Indeed, San Diego’s second biennial round of district-only council elections demonstrated how dramatically the rules of the game have changed since voters approved a 1988 ballot initiative replacing the city’s former method of district primaries followed by citywide runoffs.

Of the eight council seats contested in 1989 and this year since the switch, three incumbents--Pratt, Gloria McColl and Ed Struiksma--have been defeated, Henderson has been forced into a tough November runoff and Councilwoman Abbe Wolfsheimer barely survived her reelection campaign two years ago.
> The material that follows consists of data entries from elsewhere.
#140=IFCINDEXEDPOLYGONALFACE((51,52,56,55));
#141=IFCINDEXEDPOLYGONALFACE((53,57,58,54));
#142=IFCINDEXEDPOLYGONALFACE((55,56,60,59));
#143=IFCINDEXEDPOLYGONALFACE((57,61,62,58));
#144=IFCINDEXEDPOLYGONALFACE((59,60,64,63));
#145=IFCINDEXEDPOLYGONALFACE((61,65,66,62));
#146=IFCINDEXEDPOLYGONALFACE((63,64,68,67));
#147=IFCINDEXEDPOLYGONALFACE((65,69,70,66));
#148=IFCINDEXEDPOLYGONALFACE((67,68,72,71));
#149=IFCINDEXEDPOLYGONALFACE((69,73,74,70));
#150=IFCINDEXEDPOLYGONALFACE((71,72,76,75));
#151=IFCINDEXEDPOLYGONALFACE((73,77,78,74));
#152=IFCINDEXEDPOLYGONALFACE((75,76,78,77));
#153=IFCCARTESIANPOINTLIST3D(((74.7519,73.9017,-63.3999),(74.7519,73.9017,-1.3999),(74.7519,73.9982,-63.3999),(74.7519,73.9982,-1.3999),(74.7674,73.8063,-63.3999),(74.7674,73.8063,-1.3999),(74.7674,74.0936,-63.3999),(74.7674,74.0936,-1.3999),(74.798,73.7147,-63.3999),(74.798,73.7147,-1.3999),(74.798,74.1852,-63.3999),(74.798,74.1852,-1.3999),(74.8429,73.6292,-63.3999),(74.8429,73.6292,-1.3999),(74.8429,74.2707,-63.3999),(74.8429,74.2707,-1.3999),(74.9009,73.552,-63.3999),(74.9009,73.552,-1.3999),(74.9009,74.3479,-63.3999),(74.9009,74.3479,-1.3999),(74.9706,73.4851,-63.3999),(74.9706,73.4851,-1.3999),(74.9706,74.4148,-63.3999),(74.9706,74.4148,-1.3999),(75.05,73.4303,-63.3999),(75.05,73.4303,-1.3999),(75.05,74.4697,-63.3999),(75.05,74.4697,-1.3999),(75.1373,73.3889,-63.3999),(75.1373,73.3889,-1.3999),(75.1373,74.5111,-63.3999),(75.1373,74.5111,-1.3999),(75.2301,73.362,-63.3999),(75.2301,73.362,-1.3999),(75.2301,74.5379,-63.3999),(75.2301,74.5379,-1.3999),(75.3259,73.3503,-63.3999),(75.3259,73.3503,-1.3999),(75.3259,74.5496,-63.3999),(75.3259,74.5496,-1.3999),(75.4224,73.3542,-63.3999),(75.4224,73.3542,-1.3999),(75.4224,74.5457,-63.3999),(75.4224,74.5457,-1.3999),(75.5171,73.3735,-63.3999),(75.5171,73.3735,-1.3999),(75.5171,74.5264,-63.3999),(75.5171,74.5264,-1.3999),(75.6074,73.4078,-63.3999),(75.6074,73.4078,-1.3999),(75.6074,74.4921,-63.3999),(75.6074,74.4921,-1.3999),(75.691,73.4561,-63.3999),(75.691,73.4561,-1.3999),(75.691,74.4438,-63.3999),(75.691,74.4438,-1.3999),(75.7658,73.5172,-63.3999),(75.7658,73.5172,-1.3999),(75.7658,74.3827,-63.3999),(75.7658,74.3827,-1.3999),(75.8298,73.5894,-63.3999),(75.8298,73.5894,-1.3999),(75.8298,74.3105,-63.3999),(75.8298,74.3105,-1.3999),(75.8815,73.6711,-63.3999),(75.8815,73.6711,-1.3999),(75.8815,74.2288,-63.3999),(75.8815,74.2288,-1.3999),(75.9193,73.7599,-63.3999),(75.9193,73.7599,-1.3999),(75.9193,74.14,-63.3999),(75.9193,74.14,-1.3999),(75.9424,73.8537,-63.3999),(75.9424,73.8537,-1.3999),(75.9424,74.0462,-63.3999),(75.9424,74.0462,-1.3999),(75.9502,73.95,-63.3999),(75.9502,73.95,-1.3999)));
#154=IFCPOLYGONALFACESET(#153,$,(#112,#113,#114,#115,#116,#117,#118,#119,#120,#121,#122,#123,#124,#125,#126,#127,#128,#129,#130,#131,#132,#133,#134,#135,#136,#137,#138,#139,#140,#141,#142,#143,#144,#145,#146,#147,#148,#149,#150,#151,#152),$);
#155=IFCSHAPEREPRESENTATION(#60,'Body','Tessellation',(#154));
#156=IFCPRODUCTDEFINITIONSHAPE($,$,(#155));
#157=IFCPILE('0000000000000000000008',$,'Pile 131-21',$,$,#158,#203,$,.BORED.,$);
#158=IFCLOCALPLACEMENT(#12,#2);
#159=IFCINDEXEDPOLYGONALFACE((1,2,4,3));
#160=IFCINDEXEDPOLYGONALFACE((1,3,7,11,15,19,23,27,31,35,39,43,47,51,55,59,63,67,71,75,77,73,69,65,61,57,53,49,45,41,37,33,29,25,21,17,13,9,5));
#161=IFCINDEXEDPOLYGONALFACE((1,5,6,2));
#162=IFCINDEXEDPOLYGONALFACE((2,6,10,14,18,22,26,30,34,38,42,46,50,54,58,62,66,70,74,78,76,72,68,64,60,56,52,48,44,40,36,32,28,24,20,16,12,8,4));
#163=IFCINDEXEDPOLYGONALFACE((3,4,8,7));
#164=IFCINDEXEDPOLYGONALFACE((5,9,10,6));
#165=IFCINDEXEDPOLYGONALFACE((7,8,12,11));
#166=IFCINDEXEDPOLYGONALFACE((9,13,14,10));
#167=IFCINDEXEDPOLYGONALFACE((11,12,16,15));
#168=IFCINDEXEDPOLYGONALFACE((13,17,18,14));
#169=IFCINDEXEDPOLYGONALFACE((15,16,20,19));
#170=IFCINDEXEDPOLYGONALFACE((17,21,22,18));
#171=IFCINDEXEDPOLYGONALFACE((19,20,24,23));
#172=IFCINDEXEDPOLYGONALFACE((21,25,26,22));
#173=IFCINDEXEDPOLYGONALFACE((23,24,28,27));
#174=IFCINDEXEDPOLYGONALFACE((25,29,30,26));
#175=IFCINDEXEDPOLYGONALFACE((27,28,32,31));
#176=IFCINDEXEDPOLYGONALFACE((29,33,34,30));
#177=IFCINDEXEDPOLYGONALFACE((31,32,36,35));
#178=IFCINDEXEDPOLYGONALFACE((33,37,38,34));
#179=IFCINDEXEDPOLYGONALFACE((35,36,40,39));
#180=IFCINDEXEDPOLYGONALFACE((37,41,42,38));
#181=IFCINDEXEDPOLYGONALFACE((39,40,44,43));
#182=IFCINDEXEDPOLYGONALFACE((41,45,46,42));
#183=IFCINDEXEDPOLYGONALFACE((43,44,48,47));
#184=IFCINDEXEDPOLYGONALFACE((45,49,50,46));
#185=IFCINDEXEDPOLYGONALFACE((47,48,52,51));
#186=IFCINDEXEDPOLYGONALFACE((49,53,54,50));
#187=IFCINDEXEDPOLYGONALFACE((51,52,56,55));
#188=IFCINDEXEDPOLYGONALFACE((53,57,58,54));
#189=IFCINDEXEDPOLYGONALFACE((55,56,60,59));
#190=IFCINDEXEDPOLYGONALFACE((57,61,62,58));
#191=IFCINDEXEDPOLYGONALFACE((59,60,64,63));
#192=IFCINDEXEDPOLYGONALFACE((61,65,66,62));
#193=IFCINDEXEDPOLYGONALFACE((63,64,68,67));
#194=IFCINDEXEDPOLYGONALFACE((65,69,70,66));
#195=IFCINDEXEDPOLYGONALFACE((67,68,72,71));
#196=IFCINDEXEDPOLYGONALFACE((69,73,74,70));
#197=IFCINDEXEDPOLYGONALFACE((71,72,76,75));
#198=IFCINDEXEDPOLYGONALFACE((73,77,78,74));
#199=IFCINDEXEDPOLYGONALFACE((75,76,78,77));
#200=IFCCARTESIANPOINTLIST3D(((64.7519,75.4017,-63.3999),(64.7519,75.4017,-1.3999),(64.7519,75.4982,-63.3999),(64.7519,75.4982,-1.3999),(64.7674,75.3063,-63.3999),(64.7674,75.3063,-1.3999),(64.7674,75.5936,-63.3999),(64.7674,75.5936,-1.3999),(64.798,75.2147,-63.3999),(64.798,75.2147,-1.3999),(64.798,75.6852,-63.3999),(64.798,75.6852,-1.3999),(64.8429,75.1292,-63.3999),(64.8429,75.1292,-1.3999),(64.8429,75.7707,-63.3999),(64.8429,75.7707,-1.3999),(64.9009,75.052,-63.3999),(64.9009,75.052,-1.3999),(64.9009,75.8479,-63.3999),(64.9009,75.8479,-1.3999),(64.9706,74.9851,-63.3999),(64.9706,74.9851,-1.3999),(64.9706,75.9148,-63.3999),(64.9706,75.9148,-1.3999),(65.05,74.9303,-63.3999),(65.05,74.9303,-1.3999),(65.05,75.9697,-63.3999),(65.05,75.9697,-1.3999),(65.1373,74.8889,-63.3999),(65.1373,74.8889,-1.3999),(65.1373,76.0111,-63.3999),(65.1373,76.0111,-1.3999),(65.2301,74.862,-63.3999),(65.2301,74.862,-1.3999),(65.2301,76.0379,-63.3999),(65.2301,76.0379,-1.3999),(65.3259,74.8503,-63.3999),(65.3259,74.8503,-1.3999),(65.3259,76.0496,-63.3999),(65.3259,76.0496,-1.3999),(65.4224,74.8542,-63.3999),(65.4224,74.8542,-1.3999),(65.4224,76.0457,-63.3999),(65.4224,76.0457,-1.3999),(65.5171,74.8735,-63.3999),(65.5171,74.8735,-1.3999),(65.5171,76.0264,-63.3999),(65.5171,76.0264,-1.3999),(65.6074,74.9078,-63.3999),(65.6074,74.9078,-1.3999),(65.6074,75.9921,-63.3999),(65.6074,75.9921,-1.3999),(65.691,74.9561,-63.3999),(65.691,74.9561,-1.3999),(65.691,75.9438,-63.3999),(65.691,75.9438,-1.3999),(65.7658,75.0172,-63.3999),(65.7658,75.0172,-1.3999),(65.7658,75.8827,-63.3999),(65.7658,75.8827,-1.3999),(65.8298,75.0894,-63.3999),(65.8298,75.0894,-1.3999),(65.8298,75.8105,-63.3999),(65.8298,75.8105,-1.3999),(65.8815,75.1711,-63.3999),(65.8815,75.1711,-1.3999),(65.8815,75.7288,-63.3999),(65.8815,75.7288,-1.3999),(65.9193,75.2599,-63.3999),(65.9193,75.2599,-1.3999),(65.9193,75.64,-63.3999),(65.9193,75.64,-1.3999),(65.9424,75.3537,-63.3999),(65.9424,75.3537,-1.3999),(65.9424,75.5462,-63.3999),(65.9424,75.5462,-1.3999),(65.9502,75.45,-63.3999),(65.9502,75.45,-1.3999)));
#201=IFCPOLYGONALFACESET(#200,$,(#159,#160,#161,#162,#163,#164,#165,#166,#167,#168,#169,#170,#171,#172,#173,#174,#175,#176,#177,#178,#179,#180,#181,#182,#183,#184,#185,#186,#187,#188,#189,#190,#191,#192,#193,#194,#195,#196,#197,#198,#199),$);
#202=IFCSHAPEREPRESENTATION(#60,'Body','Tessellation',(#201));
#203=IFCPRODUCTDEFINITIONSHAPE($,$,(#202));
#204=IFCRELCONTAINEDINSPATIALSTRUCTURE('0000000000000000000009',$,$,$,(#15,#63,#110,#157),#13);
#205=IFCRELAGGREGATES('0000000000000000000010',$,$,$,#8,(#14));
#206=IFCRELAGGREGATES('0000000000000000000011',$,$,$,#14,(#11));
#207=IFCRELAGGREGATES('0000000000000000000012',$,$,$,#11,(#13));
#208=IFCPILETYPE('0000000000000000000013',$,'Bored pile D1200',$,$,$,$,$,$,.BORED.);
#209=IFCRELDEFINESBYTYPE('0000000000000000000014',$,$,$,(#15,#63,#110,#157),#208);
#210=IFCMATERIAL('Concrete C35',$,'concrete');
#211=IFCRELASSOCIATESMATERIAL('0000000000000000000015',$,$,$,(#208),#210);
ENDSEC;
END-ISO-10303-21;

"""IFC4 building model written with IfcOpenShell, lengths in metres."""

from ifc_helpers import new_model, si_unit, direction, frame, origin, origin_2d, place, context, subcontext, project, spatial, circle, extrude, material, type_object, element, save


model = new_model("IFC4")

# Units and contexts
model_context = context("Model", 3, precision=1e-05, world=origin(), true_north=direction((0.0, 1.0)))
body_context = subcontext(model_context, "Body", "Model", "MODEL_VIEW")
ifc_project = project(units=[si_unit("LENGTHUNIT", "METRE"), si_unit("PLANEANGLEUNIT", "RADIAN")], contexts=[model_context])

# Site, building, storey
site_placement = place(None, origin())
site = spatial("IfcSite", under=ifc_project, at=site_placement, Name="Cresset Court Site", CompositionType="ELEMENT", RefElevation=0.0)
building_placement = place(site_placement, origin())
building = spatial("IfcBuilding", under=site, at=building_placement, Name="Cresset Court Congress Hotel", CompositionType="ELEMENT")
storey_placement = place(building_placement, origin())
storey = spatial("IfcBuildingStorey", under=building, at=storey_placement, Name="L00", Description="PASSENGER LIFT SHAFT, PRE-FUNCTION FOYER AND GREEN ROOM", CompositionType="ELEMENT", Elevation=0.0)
In contrast, in the four council races in the 1980s before the shift to district elections, only one incumbent lost a reelection campaign.

If there was any doubt over how significantly incumbents’ political security has been reduced by district-only elections, Tuesday’s primary erased them with “a political earthquake,” in the words of Peter Navarro, the head of the managed-growth group Prevent Los Angelization Now! (PLAN).

“This shows that ’89 wasn’t an aberration--it was the beginning,” said Navarro, whose own political stock soared by virtue of his backing of Pratt’s opponent, the Rev. George Stevens, and who outpolled Henderson but fell 13 votes short of the majority needed for outright election, drawing 49.94% of the 19,226 votes cast.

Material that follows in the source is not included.